Self made rainbow, made in home garden.

Image via Wikipedia

I was in Target’s the other day buying things I really don’t need but that’s what is so great about Target. You pretty much can justify almost every purchase because it is so inexpensive. After my leisurely walk through the aisles I make a right turn to the card section to select a card for my dad. After a moment I felt a sharp intake of breath ; shock and horror set in immediately like an illness that comes on suddenly and wipes you out. I stop, stand still and I reach for the cart to steady myself.  My father has been dead for ten years.

I don’t see his image in the streets anymore like I used to do for years after his death. Father’s Day, however, is something that is so ingrained in me that every single year I do the same exact thing. I go automatically to the Father’s Day section. I don’t have a father anymore and the realization from that is always new and it always hurts like a fresh wound. Moments of past misery hit me like a strong wave that pulls me under.

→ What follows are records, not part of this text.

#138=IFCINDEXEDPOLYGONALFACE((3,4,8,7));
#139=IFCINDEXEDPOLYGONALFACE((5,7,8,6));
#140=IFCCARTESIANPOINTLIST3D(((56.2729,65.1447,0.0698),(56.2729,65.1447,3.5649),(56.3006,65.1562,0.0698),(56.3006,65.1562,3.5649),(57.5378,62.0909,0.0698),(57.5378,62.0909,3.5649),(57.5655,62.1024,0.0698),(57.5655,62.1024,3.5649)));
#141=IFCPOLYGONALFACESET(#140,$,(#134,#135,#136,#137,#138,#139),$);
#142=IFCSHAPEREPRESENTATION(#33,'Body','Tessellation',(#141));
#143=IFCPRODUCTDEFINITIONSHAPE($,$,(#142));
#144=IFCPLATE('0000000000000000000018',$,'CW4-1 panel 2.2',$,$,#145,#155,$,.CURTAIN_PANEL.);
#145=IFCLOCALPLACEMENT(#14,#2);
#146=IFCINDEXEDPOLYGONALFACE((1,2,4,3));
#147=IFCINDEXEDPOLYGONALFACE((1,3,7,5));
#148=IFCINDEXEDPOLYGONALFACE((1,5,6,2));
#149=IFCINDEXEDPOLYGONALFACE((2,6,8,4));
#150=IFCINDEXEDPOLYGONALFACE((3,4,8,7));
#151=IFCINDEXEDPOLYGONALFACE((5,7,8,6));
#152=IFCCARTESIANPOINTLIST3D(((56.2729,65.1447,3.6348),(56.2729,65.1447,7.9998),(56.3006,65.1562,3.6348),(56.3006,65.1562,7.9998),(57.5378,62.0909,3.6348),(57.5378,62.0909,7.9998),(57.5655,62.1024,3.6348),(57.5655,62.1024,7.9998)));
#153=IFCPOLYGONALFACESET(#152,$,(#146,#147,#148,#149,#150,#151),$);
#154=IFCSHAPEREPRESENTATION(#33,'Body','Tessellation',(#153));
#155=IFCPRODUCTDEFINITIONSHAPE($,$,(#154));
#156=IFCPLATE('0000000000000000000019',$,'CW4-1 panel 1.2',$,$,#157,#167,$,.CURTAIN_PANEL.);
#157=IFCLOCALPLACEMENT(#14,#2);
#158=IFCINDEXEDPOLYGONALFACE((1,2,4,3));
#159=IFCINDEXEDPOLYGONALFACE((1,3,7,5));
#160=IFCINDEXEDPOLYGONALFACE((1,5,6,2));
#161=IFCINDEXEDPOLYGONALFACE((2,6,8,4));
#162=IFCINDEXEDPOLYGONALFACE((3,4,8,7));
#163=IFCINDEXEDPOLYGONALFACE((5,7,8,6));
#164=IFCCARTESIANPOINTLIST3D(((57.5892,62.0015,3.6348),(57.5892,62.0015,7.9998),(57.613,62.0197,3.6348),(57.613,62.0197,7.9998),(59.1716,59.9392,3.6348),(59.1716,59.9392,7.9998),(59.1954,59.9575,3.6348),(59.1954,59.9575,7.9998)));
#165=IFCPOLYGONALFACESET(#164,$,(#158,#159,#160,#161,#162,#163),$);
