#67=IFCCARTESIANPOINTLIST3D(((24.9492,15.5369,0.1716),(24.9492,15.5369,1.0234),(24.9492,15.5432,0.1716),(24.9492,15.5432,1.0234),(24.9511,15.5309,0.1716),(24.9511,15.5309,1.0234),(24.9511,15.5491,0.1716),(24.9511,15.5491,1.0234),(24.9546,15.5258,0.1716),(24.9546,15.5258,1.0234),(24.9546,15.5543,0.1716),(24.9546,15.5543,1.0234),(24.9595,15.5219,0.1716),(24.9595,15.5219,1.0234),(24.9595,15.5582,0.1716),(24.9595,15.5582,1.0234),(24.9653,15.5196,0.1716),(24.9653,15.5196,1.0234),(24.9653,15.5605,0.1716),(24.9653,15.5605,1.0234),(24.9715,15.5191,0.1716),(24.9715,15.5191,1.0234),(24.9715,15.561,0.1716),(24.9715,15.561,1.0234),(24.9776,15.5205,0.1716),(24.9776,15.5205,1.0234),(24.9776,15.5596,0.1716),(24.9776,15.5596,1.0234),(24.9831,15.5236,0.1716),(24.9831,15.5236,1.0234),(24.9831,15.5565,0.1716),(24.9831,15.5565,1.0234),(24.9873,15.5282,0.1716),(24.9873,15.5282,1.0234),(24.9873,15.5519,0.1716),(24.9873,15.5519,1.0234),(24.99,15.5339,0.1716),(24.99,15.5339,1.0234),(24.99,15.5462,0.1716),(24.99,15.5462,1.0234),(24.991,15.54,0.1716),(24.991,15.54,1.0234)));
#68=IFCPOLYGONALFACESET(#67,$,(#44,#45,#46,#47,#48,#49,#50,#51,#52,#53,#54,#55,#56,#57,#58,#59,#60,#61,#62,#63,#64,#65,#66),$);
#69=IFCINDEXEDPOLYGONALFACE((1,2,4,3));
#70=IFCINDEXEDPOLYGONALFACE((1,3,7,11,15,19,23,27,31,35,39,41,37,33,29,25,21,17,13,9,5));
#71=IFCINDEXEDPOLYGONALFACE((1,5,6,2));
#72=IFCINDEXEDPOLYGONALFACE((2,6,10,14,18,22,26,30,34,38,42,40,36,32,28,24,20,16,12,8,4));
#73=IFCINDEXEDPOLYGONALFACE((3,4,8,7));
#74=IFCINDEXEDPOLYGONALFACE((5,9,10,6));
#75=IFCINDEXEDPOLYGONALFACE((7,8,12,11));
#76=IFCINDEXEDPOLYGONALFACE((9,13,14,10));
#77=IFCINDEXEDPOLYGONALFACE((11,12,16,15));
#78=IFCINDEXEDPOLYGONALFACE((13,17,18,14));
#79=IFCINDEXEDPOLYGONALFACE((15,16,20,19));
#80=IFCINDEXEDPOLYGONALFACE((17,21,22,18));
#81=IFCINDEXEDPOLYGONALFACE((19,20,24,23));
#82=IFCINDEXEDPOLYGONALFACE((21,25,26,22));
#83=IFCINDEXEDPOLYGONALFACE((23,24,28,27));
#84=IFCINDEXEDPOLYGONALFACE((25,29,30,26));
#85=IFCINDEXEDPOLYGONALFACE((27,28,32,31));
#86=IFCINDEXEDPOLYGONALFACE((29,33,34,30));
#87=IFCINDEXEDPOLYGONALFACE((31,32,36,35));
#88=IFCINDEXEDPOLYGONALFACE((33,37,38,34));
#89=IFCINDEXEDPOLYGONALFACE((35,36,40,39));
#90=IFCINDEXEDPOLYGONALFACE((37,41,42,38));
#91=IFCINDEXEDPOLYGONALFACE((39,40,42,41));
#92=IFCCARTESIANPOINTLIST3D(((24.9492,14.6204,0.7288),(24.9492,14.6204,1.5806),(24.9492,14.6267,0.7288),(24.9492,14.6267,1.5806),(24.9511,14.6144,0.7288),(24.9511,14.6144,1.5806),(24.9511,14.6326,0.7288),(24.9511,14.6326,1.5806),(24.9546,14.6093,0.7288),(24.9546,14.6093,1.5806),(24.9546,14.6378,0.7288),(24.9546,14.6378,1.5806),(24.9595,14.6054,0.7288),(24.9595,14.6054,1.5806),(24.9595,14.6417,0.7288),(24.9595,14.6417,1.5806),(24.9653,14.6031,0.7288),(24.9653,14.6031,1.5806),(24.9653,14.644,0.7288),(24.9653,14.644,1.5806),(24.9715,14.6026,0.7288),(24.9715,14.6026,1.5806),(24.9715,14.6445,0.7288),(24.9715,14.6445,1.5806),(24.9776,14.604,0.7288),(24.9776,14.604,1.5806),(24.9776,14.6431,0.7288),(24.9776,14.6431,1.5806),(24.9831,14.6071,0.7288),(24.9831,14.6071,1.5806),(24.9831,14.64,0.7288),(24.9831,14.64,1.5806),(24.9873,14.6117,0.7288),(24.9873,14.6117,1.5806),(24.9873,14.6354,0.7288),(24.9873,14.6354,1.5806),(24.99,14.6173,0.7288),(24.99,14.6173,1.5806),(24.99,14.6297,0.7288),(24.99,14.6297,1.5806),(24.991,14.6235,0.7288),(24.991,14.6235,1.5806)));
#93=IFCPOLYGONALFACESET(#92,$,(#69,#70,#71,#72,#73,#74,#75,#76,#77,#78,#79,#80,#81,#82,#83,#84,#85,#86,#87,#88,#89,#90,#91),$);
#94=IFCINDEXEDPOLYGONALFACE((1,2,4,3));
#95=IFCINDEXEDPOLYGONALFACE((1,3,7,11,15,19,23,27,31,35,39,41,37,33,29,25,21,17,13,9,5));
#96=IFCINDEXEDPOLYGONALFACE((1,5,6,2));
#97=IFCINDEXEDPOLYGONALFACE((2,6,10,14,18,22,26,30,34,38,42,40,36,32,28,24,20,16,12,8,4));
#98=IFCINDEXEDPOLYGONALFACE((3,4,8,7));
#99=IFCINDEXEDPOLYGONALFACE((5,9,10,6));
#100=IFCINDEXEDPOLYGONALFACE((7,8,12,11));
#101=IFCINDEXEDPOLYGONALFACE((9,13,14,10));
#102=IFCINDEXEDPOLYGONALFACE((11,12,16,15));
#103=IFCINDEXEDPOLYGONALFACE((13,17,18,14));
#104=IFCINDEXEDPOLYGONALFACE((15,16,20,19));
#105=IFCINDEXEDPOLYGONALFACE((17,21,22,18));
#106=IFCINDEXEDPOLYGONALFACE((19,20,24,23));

Every year on or around Father’s Day I go to the cemetery and put round white stones on his grave site. I clean off all the debris, pieces of dead brown leaves that crackle and fall apart, twigs, black soot from a harrowing winter and I clean things up a little. I bring a bouquet of flowers when I go. It’s the least I can do for a father who bought me a single red rose every year on my birthday. I talk to my dad at the cemetery and I weep. I weep in anticipation of getting there so my tears start rolling down my cheeks way before I have arrived. I park my car in the same spot, sometimes I will walk a few steps and then come back, go in the opposite direction and return quickly.

This year, as if a gift from heaven, my son’s High School graduation is on Father’s Day and that makes me extraordinarily happy. I feel, actually, I know, that my father will be with us at the celebration. He will be there in spirit with his family, seeing his grandson graduate. Maybe he will be in the soft breeze that blows, hidden in the colors of a rainbow, in the light of the raindrops that may shower us, or in the rays of the beaming sun nodding his approval, showcasing his pride. He will be there.

I know I won’t have lunch with my dad again, or be able to listen to one of his “educational talks” or laugh hysterically when he used to take the vacuum cleaner out when he thought company was staying too long. It’s not as if I can have one last hug from him or a kiss on the top of my head. I can imagine his soft hands but I can’t feel them anymore, but I carry him around with me in my heart forever.